New York has already authorized a bill that will allow EPIC to help pay for drug coverage through Part D. The bill has a provision that allows the EPIC participation fee to be waived if an individual is enrolled in a Medicare Part D plan.   The bill also authorizes EPIC to help individuals to enroll in a PDP and to help in pursuing appeals and requests.

Employers and Unions - Another option that will give you supplemental drug coverage is through your employers and unions.   Your employer may choose to offer more comprehensive coverage than Medicare or it may choose to wrap around the Medicaid Part D benefit and help with cost sharing.

Supplemental coverage with Part D - A PDP may have an enhanced alternative drug plan for a higher premium.   Therefore, you may be covered for a larger amount of drugs or have less out of pocket expenses to pay in exchange for a higher premium.   Since information on PDPs have not been made available yet, it is important to thoroughly choose a plan tailored to your needs.
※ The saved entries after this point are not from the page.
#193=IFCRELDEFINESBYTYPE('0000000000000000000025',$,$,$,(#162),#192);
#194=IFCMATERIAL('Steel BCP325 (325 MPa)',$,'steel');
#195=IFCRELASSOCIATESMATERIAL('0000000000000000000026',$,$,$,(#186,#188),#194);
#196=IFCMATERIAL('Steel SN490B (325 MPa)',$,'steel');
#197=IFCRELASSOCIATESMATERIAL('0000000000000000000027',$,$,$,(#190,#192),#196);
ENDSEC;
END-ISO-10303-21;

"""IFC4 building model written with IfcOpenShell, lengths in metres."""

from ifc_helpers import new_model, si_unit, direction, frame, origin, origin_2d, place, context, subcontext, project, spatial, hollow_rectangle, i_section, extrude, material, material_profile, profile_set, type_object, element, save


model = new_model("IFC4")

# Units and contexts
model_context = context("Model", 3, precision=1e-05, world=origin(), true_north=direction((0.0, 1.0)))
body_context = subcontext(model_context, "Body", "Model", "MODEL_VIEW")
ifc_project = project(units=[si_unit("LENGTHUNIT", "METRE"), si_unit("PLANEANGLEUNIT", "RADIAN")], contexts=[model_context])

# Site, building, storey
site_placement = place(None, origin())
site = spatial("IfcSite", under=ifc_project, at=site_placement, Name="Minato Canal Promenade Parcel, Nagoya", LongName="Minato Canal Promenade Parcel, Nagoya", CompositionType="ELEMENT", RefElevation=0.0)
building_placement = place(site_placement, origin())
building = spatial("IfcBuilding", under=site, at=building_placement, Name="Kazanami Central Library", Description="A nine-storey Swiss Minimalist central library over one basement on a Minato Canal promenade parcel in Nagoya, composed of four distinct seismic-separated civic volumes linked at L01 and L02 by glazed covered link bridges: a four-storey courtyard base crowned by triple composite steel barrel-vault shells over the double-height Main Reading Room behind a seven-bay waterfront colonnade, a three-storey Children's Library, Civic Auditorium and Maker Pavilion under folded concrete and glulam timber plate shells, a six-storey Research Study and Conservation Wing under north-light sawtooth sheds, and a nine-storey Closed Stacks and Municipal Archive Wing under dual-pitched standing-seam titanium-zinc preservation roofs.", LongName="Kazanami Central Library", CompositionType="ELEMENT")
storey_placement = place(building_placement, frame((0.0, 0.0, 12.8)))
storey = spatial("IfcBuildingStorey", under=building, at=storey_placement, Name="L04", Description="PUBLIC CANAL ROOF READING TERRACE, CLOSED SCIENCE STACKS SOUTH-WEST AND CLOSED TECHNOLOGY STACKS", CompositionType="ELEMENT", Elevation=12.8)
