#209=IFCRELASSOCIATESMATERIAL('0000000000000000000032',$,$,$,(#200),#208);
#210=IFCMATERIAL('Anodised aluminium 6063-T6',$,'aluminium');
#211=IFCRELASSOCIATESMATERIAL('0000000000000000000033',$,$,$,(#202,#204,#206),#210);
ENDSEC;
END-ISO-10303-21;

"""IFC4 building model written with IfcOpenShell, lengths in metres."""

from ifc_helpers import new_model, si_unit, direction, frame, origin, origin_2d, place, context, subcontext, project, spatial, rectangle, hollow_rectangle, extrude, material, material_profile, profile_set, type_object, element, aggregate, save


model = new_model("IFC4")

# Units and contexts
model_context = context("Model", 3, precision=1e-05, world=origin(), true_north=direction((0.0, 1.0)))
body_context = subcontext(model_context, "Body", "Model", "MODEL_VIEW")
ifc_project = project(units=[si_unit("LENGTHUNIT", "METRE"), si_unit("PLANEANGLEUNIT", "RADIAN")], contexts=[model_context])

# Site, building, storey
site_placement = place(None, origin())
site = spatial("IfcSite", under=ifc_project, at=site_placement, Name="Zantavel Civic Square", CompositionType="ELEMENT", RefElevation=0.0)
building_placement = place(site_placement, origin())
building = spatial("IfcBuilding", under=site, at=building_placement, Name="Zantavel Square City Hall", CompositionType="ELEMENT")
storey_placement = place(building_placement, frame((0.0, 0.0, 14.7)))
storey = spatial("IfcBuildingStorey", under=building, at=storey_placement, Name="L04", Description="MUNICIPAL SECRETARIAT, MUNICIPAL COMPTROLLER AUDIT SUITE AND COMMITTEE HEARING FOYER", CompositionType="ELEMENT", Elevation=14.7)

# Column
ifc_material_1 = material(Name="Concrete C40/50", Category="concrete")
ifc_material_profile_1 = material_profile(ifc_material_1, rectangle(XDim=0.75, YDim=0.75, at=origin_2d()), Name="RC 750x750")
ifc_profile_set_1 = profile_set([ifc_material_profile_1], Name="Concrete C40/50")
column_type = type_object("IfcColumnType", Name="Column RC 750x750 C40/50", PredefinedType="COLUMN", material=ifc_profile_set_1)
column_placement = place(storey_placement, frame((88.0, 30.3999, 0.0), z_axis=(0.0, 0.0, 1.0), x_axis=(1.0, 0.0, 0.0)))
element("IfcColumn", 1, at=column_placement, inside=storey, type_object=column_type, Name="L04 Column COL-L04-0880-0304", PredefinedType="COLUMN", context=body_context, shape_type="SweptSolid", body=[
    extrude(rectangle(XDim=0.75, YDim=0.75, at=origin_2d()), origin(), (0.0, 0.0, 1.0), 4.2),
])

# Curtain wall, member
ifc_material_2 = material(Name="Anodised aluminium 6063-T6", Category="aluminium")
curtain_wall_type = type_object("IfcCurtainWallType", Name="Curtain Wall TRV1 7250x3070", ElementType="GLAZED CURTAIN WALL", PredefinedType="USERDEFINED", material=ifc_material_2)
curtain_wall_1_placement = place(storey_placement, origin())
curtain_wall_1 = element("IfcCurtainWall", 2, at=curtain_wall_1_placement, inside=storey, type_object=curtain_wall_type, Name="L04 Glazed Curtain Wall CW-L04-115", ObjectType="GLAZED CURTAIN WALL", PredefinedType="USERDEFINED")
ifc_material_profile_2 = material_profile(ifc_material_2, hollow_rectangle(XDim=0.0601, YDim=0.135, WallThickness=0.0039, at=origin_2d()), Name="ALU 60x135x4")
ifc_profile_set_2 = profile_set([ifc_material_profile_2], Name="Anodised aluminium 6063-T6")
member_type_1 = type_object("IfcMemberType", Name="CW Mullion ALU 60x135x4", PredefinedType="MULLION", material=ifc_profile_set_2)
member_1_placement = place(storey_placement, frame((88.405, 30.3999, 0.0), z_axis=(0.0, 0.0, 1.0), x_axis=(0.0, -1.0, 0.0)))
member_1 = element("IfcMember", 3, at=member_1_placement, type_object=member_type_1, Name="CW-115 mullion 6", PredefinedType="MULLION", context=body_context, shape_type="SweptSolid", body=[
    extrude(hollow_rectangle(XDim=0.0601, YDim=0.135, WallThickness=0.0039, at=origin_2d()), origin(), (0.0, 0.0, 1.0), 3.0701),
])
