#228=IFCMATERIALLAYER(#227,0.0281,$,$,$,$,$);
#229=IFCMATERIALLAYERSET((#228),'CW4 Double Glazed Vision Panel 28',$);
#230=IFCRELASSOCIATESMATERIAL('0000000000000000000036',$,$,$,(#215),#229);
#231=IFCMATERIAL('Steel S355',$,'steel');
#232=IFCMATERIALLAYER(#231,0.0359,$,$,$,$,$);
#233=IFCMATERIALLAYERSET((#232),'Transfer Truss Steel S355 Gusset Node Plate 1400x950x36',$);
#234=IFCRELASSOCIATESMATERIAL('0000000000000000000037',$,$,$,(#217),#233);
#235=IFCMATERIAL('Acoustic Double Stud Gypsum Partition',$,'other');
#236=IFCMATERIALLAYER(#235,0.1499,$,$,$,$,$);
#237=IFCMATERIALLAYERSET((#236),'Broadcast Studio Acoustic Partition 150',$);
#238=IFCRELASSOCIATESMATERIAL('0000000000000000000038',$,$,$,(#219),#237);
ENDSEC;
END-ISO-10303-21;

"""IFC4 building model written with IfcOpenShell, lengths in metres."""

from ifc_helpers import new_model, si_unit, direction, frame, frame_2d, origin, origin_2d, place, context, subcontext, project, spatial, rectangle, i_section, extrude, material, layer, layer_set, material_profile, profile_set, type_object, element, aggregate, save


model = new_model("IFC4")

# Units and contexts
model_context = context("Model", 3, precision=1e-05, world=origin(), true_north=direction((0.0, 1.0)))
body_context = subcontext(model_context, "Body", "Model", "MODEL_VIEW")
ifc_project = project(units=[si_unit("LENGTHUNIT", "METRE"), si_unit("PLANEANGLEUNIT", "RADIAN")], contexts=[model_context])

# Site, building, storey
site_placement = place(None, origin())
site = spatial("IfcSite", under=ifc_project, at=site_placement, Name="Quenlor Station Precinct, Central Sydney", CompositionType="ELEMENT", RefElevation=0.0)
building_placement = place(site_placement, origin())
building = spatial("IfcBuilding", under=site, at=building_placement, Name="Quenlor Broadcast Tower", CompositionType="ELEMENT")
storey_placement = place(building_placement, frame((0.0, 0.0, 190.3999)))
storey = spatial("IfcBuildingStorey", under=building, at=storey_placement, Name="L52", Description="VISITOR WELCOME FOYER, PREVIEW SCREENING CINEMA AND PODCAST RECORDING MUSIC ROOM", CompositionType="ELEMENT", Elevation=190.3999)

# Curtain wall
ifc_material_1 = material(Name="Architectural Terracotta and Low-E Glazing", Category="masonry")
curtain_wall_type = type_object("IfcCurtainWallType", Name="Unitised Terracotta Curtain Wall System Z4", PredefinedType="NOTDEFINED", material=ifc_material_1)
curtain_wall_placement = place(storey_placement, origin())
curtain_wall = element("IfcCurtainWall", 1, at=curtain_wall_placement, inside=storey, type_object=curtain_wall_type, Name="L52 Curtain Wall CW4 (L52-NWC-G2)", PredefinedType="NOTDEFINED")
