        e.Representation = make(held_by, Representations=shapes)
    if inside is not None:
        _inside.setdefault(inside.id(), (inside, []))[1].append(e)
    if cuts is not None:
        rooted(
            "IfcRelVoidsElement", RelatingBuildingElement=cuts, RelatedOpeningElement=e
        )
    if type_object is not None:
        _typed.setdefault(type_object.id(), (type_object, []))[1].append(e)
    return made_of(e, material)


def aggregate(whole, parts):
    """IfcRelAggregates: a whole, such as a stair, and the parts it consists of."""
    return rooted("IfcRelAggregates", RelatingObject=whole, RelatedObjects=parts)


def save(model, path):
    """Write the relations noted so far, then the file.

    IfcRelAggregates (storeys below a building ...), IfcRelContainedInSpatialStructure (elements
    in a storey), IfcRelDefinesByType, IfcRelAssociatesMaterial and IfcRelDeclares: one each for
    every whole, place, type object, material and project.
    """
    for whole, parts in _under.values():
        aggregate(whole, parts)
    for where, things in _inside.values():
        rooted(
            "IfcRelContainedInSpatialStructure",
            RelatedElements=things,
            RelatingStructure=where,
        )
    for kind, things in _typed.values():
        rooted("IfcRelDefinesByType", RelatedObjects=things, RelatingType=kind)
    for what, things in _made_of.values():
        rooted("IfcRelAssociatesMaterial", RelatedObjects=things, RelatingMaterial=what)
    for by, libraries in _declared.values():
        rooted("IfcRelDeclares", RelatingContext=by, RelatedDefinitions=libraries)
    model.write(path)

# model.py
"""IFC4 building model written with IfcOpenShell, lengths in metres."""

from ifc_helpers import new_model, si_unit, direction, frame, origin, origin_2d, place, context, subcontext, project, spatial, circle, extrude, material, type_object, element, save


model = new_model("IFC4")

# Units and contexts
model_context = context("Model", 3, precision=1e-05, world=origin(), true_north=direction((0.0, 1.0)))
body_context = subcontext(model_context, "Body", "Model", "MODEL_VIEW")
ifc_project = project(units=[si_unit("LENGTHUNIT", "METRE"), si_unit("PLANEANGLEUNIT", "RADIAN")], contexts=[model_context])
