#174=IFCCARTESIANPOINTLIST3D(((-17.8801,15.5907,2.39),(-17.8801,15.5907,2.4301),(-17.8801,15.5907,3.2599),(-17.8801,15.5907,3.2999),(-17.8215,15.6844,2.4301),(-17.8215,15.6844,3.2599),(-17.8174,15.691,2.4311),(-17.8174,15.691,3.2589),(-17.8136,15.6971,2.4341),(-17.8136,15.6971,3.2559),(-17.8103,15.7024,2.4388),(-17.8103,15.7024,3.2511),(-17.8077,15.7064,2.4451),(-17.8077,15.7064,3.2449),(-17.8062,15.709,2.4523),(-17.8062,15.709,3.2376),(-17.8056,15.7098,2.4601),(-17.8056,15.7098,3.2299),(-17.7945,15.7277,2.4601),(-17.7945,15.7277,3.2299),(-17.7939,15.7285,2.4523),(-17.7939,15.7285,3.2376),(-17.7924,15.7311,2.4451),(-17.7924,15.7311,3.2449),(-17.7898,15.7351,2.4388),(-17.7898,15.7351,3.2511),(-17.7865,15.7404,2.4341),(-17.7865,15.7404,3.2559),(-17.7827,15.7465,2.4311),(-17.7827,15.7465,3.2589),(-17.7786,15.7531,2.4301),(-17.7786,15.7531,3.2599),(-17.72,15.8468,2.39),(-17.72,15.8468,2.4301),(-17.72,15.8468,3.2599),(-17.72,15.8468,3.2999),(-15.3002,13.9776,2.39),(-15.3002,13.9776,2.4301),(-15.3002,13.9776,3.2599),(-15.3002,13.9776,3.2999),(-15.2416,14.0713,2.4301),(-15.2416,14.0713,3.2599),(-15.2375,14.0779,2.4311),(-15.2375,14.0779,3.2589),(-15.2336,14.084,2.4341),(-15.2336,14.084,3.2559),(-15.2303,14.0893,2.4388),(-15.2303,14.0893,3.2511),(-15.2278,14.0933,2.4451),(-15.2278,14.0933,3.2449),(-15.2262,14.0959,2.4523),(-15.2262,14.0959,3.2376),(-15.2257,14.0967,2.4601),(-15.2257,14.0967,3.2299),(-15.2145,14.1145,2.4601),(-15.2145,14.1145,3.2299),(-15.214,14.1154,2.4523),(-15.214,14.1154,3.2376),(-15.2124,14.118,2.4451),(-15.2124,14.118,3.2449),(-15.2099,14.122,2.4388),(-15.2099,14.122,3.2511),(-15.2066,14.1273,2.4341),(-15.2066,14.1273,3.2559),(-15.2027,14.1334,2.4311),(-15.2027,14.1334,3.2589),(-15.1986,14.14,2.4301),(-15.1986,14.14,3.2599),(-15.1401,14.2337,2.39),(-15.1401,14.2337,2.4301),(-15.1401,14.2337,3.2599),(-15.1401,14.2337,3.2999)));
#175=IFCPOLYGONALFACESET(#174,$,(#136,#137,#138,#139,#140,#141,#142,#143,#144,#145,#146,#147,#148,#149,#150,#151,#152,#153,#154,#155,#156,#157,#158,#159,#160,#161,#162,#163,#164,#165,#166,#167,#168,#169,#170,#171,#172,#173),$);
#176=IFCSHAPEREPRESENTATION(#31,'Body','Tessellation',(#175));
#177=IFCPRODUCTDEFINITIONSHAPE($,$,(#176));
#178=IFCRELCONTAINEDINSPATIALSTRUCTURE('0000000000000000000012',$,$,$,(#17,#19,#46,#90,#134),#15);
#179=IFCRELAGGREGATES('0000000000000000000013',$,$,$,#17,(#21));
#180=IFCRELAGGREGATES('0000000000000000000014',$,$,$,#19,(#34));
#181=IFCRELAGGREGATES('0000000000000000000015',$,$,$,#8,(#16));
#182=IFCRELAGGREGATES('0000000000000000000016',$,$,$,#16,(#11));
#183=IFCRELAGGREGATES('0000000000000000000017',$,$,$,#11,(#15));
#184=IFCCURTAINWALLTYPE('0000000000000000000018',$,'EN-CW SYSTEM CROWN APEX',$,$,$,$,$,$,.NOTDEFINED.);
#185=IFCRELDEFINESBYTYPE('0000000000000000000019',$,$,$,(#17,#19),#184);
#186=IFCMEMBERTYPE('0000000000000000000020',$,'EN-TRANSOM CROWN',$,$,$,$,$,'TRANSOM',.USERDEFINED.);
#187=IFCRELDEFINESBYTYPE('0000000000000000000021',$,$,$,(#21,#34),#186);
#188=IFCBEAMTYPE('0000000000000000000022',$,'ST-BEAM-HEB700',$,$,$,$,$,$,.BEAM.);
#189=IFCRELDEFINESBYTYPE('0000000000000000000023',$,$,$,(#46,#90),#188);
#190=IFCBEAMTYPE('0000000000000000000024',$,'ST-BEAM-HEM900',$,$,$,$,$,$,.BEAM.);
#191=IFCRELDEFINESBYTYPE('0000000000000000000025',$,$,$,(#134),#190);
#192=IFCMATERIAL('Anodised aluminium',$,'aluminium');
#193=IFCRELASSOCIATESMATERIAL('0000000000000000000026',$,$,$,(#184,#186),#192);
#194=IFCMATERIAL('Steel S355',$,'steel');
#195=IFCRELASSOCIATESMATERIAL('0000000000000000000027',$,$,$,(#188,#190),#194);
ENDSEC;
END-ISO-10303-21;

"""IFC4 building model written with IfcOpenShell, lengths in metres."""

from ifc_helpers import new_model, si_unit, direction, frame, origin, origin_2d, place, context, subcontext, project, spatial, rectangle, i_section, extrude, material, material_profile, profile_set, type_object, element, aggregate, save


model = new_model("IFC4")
Charities - Charities are another choice where you can look for supplemental coverage if you qualify.   Charities can pay all or some of an individual's Part D cost sharing which counts towards the out of pocket expense.   As long as the charity is unaffiliated with your employer or union, it may aid you in paying for the Medicare Part D benefit.

Medigap
Starting January 1, 2006, any person enrolled in Part D cannot buy or renew Medigap plans H, I, and J.   If you have a Medigap H, I, or J plan and want to keep its prescription drug coverage, you cannot enroll in Part D.   But, if you choose to later enroll in a Part D plan and lose your Medigap drug coverage, you will be charged a penalty premium.   Under the current system, Medigap drug coverage is not considered creditable coverage and will have a penalty attached to it.   Therefore, it is important to act now and decide whether Medicare Part D prescription drug coverage is right for you in order to avoid large penalties down the road.

If you plan to enroll in Medicare Part D and you want to keep your Medigap plan H, I, or J , your Medigap plan will be modified to exclude prescription drug coverage after Part D becomes effective and your premium will be modified accordingly.   If you are enrolled in a Part D plan, you can still continue to purchase Medigap plans A, B, C, F, K, or L to supplement your other health insurance needs.

Most important issues to take away
If you have Medicaid drug coverage, you will lose it and automatically be enrolled in Medicare Part D. It is important that you understand the options available to you in order to ensure you make a well educated decision about choosing a PDP.   When selecting a PDP, be careful to check their formulary and make sure that the drugs you need are covered.   If not, you will bear the full cost for any drugs not on your plan's formulary.

Because Medicare prescription drug coverage is new, there are still many uncertainties involving what private plans will be available and how to determine which plan is right for you.   There are a number of available options and it is important that you select the right choice.   A knowledgeable Elder Law attorney aware of all the intricacies of Medicare law can show you the best way to choose a plan and keep your assets and can assist you in making sure you are taking full advantage of the new Medicare drug coverage.

Disclaimer : This is not a legal document.   The official Medicare program provisions are contained in the relevant laws, regulations, and rulings.

Sources for this article include Centers for Medicare & Medicaid Services (www.cms.gov), Center for Medicare Advocacy (www.medicareadvocacy.org) , and National Senior Citizens Law Center (www.nsclc.org).